Friday, February 13, 2009

Episcopal Symptoms

Sunday, as a favor to a friend, I went to an Episcopal church I had attended in the 1980s, located about ten blocks north of the White House. To my great disappointment, its peculiarly Episcopal symptoms of the terminal illness affecting Christianity convinced me of the relative wisdom of my current apostasy and agnosticism.

First, of course, the church was near empty at the mid-morning second service of the day, typically the best attended. They'd disguised it with the oldest church trick in the book: removal of pews. But the church still looked empty.

Second, the black female homilist was a walking, talking Republican advertisement against affirmative action. It wasn't bad enough that she read her flat, uninspiring and derivative sermon. She simply could not read! I'm not kidding. The words and their pronunciation were entirely foreign to her, although she spoke with an accent as American as apple pie.

Third, there were a slew of announcements by church committee heads. All expressed that false American Protestant cheer ("ha, ha") to signal the good, clean fun of a book and CD sale or the fulfillment of hearing teens' "profound" questions to the church's seminarian about his trip to the Military Republic of Kumbaya, where distressing things are happening. They all made a pitch for more volunteers since, from the look of things, they were the only members of their activities -- and no wonder.

The rector (not the homilist) was the parish's second female in that position, not the elegant former actress I had had a hand in selecting, but one who made an earnest Episcopal try to sound horsey and look dowdy, all reinforced by robust bursts of entirely forced laughter.

Let's not leave out the after-service coffee and its swarm of men with bejewelled ears and tones borrowed from their mothers.
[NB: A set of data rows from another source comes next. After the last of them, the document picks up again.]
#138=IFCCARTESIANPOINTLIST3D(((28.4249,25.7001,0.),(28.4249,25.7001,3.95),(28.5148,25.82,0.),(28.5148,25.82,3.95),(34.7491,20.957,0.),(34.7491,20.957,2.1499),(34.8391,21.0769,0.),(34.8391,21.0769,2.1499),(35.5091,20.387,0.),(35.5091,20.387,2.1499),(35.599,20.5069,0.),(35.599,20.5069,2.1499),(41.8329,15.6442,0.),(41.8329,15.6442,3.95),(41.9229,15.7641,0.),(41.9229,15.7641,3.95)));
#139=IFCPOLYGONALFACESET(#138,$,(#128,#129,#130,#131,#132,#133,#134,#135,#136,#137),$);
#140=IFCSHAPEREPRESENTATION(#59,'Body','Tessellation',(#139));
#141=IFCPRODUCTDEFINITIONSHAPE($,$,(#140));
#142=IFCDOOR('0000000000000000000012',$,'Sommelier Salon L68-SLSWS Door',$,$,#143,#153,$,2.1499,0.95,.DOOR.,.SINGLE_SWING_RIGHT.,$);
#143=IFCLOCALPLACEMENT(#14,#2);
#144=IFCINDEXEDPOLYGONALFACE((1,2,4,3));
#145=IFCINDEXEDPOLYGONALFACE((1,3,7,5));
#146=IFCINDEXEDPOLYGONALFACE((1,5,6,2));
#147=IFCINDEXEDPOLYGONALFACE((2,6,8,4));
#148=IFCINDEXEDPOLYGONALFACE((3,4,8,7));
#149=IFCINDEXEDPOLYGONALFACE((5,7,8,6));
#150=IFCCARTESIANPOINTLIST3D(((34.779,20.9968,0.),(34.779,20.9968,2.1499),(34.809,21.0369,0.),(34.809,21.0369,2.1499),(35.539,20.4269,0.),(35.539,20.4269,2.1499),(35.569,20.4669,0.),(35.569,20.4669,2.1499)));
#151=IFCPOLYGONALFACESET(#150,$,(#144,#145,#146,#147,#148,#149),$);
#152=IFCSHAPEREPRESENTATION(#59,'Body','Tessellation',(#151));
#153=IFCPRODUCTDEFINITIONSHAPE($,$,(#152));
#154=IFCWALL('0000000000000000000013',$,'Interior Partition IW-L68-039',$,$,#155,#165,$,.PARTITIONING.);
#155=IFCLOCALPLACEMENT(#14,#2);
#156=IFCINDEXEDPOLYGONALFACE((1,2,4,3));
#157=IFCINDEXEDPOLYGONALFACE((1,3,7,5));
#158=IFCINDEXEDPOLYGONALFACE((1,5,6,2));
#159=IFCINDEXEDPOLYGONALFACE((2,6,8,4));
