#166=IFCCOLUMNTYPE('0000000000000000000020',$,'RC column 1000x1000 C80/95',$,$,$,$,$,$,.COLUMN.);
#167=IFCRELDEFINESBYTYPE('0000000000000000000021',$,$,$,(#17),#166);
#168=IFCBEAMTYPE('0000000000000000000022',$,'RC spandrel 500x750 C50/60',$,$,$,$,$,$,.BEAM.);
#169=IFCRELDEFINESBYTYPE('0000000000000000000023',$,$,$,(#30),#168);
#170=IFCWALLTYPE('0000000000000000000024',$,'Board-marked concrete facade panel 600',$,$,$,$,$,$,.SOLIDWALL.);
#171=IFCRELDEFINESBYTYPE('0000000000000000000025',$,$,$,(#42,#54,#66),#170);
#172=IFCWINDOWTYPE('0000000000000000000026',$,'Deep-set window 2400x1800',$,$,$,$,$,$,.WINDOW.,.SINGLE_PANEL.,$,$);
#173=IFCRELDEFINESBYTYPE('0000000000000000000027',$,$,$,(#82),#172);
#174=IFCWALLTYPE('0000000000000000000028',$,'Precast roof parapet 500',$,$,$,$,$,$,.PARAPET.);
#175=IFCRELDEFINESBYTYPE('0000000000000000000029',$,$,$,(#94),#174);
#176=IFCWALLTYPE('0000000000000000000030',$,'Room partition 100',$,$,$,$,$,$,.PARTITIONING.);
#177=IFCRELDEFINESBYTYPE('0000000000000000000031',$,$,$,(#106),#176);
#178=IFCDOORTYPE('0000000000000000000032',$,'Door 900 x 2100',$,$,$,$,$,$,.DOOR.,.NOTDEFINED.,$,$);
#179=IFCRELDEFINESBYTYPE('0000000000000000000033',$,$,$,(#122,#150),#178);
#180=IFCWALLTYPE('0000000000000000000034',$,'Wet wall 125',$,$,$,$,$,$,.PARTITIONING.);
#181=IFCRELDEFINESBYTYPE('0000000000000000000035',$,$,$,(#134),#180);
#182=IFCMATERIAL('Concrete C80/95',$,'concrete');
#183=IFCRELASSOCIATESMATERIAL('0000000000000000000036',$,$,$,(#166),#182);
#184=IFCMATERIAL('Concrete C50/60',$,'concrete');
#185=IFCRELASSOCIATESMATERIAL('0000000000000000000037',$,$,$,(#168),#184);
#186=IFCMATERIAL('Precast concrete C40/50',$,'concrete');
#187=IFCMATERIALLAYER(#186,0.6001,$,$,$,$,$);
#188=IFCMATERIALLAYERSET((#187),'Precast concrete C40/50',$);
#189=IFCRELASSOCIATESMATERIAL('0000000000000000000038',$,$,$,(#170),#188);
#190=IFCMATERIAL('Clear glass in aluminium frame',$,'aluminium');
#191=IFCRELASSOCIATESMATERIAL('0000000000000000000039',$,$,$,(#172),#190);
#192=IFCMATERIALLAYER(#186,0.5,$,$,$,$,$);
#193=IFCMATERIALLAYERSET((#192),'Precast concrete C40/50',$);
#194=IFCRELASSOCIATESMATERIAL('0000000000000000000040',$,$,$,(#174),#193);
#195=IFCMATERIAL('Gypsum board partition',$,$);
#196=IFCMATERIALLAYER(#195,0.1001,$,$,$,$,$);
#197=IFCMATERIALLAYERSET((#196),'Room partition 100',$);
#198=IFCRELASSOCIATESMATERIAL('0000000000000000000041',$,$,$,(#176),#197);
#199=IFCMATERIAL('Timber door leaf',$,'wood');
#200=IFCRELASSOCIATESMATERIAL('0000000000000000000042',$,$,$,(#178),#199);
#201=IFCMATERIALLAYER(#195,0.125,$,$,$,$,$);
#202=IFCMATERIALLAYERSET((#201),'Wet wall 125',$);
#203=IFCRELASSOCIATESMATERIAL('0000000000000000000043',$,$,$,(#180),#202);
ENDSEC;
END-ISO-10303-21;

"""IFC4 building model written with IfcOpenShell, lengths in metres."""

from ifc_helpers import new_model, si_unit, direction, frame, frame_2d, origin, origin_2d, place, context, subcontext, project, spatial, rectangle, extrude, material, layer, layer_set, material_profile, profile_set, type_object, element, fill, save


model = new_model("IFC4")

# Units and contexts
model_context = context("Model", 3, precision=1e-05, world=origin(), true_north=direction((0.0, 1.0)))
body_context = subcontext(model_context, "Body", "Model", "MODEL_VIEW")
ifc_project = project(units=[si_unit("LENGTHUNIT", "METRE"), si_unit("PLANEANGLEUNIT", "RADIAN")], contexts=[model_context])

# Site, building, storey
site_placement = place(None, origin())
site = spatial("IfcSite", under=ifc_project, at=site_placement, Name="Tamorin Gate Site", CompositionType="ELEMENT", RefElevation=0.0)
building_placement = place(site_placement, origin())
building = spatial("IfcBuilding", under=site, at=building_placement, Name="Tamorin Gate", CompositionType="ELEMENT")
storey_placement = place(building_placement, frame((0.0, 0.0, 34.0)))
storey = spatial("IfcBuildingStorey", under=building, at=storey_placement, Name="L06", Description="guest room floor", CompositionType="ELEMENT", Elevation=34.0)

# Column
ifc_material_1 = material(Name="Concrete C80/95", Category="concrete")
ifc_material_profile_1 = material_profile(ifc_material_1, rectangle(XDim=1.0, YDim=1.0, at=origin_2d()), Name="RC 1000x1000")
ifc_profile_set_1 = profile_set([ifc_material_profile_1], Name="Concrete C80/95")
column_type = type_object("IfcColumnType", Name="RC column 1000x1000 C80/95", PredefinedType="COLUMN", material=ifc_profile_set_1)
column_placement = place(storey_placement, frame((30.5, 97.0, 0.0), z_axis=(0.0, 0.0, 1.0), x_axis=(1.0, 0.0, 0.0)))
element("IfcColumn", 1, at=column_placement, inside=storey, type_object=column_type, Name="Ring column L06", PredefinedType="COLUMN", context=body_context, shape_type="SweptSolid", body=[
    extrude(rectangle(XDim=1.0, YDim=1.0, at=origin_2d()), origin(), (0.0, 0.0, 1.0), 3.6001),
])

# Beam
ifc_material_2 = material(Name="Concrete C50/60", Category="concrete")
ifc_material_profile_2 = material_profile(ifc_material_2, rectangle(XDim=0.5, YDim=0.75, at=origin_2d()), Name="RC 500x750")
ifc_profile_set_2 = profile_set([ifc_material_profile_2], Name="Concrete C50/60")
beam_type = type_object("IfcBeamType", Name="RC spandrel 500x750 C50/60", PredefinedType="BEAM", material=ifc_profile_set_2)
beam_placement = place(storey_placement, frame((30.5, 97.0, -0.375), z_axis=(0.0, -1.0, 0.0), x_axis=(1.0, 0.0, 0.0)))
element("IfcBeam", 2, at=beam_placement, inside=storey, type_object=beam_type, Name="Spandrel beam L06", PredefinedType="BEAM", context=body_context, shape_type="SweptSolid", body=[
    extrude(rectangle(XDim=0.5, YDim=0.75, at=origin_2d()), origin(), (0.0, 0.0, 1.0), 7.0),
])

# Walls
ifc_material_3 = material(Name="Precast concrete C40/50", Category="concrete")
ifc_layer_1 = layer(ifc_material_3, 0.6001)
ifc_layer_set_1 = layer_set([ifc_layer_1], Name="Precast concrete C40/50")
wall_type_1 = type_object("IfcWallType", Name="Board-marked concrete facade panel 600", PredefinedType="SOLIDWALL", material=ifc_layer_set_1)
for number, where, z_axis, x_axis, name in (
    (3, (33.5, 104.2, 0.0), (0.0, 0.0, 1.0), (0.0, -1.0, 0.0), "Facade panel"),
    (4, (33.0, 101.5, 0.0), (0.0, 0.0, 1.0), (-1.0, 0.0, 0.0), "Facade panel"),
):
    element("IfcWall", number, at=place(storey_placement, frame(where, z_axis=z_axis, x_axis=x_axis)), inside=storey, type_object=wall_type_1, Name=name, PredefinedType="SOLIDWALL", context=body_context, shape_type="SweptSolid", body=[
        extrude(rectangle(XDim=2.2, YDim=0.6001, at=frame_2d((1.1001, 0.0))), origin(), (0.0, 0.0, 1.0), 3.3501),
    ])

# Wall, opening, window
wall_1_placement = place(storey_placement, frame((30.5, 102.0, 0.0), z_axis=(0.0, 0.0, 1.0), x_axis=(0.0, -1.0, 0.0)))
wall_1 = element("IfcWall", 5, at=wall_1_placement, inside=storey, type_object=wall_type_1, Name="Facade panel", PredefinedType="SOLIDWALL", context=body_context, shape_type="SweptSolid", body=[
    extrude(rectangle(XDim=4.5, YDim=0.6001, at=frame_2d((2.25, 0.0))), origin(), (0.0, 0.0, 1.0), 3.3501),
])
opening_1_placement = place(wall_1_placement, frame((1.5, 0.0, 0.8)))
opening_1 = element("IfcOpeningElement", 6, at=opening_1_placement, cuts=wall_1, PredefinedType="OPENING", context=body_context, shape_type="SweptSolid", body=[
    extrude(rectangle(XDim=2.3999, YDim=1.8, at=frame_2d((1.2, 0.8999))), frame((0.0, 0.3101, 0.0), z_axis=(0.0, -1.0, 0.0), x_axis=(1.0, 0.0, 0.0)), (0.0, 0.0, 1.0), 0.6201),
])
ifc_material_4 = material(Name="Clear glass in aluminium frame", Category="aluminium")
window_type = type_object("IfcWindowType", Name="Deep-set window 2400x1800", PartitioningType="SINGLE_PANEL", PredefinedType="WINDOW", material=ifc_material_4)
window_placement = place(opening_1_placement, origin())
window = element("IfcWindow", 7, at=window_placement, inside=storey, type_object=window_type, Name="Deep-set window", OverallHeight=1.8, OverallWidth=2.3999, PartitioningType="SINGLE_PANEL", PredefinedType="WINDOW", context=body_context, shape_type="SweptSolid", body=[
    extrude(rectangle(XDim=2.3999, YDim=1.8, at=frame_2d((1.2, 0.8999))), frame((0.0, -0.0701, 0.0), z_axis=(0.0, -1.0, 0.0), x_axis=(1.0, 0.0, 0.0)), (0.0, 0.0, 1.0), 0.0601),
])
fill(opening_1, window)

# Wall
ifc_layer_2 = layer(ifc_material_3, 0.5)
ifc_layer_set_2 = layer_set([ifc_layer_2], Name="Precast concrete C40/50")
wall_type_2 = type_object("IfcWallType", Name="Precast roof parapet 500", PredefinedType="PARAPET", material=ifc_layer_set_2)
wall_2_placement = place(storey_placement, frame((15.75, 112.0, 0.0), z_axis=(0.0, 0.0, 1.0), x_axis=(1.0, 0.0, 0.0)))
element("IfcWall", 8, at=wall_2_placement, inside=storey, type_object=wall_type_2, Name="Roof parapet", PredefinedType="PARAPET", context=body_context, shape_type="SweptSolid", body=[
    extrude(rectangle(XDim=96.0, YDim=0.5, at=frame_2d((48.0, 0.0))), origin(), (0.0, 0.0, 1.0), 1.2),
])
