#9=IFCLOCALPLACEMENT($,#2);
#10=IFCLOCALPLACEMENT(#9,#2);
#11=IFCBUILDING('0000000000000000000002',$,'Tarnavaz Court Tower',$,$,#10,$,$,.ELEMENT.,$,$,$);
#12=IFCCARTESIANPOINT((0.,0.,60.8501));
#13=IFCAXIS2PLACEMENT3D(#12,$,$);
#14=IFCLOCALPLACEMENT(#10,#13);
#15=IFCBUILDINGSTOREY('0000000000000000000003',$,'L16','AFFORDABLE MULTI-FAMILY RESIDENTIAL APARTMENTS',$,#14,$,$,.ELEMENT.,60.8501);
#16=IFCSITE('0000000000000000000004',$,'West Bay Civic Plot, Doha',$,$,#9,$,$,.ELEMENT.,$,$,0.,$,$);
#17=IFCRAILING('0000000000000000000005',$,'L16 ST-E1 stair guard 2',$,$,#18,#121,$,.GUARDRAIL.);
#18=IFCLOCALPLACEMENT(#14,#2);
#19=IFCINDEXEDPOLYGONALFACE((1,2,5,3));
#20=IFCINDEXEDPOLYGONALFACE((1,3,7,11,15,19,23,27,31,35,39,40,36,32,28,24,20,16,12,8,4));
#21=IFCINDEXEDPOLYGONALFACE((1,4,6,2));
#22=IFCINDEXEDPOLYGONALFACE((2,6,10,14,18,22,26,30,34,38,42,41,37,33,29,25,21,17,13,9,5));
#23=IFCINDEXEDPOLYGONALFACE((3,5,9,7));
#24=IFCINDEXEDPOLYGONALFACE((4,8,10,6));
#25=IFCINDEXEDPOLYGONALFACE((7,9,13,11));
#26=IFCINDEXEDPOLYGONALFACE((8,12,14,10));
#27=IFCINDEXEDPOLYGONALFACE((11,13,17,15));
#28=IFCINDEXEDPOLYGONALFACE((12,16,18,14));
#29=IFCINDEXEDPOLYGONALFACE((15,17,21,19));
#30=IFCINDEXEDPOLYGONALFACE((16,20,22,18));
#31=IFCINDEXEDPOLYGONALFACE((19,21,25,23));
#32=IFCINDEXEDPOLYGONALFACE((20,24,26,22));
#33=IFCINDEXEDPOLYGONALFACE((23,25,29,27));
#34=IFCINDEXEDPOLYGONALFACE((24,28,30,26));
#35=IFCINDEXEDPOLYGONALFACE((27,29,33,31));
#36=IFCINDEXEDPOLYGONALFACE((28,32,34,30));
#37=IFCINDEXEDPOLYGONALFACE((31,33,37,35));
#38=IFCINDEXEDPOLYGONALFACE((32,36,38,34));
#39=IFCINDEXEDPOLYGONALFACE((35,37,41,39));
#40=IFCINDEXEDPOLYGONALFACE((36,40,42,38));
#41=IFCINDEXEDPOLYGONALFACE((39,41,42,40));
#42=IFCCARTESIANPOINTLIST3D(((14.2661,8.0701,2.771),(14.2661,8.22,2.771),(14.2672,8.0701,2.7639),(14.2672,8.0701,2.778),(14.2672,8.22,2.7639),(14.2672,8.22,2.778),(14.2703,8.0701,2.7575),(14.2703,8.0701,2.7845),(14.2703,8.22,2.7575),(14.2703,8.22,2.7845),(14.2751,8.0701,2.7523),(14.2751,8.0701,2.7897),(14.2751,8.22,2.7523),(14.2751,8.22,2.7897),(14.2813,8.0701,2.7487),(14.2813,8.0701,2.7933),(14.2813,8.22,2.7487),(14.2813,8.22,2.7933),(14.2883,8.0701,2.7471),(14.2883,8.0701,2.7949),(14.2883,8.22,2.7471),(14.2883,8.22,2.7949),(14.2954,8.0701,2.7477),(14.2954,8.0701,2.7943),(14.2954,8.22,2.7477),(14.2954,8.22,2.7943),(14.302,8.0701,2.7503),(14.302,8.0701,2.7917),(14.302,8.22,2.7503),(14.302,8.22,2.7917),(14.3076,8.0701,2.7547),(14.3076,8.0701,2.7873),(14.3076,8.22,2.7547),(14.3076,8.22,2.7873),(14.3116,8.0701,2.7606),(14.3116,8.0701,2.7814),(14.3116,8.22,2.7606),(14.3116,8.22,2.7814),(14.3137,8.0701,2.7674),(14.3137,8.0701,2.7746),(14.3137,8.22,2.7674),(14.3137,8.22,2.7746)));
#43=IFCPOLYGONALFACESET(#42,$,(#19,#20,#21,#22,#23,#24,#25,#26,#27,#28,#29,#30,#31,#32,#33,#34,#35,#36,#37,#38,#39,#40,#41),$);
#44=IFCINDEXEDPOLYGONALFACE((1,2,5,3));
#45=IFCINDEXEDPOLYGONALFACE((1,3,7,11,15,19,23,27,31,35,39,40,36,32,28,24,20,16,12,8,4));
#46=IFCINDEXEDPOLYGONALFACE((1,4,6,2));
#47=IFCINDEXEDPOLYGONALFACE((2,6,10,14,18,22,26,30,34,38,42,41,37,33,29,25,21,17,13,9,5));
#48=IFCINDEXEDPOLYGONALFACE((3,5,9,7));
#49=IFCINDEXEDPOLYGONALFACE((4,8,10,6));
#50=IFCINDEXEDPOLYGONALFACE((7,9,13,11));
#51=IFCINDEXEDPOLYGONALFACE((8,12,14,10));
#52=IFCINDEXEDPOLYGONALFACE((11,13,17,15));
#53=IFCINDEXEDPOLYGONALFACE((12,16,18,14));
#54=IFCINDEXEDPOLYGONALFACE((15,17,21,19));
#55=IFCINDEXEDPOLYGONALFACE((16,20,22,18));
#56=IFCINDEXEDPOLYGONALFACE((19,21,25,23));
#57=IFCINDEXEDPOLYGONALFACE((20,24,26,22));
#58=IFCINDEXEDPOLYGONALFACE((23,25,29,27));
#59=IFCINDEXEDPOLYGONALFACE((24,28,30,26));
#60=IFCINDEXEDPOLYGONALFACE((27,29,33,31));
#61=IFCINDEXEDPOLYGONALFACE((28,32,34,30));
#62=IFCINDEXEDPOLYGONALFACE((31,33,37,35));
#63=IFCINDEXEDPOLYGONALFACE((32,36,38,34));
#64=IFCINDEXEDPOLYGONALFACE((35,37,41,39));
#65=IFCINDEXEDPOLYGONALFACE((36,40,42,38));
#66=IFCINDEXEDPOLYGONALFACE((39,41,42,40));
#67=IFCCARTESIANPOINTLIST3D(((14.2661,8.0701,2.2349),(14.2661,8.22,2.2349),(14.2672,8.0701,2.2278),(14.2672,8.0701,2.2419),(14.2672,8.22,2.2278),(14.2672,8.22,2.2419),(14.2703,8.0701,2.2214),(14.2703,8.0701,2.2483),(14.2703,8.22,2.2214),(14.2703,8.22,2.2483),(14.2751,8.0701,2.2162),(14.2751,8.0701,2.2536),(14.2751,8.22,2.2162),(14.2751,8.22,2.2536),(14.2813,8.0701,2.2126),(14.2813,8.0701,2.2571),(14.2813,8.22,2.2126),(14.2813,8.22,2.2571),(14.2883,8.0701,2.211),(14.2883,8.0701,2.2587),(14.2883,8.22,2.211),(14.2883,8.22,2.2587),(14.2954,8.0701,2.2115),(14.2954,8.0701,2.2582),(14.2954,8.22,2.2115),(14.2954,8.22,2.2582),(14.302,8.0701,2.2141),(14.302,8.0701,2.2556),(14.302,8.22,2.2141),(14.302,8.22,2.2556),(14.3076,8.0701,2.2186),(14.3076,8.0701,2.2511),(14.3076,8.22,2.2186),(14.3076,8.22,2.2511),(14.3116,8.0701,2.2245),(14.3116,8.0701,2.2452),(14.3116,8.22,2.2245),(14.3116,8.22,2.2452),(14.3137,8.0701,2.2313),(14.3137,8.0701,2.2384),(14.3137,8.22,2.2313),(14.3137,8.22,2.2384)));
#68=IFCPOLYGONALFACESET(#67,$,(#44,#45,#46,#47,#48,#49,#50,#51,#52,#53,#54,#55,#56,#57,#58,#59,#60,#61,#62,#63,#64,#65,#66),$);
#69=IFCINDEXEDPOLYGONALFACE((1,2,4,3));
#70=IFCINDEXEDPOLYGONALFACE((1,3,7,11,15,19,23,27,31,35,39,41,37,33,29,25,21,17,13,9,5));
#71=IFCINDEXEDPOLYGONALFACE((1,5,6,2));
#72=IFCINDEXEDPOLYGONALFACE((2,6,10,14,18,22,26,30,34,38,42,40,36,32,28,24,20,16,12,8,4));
No wonder the Episcopal Church is falling apart.


Anonymous said...

You need to get your Kierkegaard books out again. Christianity and Christendom are not the same thing. Crab all you want to about "Christians" who aren't reflecting Christianity - they have existed for as long as Christianity has. It still isn’t a good excuse for agnosticism.

Anne said...

All the churches are falling apart.

Can I sell you an indulgence?

Geneviève said...
This comment has been removed by the author.
Cecilieaux said...

Anonymous: I don't understand how Christians can hide behind responses like yours.

Anne: no, thanks, I'm indulgent enough as it is.

Re comment removal: I have never removed a comment. "By the author" means by the author of the comment, not the author of the blog.

Anonymous said...

And I don't understand how apostates can hide behind words like yours.

Cecilieaux said...

I don't see any hiding on my part, Anonymous. My words call things out as I see them. You may not like them, but that's another story.

On the other hand, for Christians to keep insisting that "oh, well, there have always been some bad apples" is simply absurd. It shows just how little you have to say for yourselves. After 2,000 years the best you can do is shrug and sigh? Please!

Lisa said...

Cecilio, you're too smart a man to be suckered into stating things like "the people who use the product suck, so the product itself must suck" - yes, every religion on the plantet has, unfortunately, human beings in it. And people are quite often smelly, rude, obnoxious, and inane and/or insane. As well as a number of other adjectives I could use. And yet, good men and women from all over the world, from every culture have risen above the seething slime of the masses and offered their lives for them. Why? Are the good insane? Or does something or Someone inspire them. You say you're an agnostic - so you believe in some sort of "higher power" - isn't that just a cop out of someone who's not willing to commit? Someone who takes their own anger and frustration with TPTB, and shoots themselves in the foot? Gotta wonder...

Cecilieaux said...

What you forget is that the "product" is supposed to convince people not to suck, so to speak. The product just doesn't work.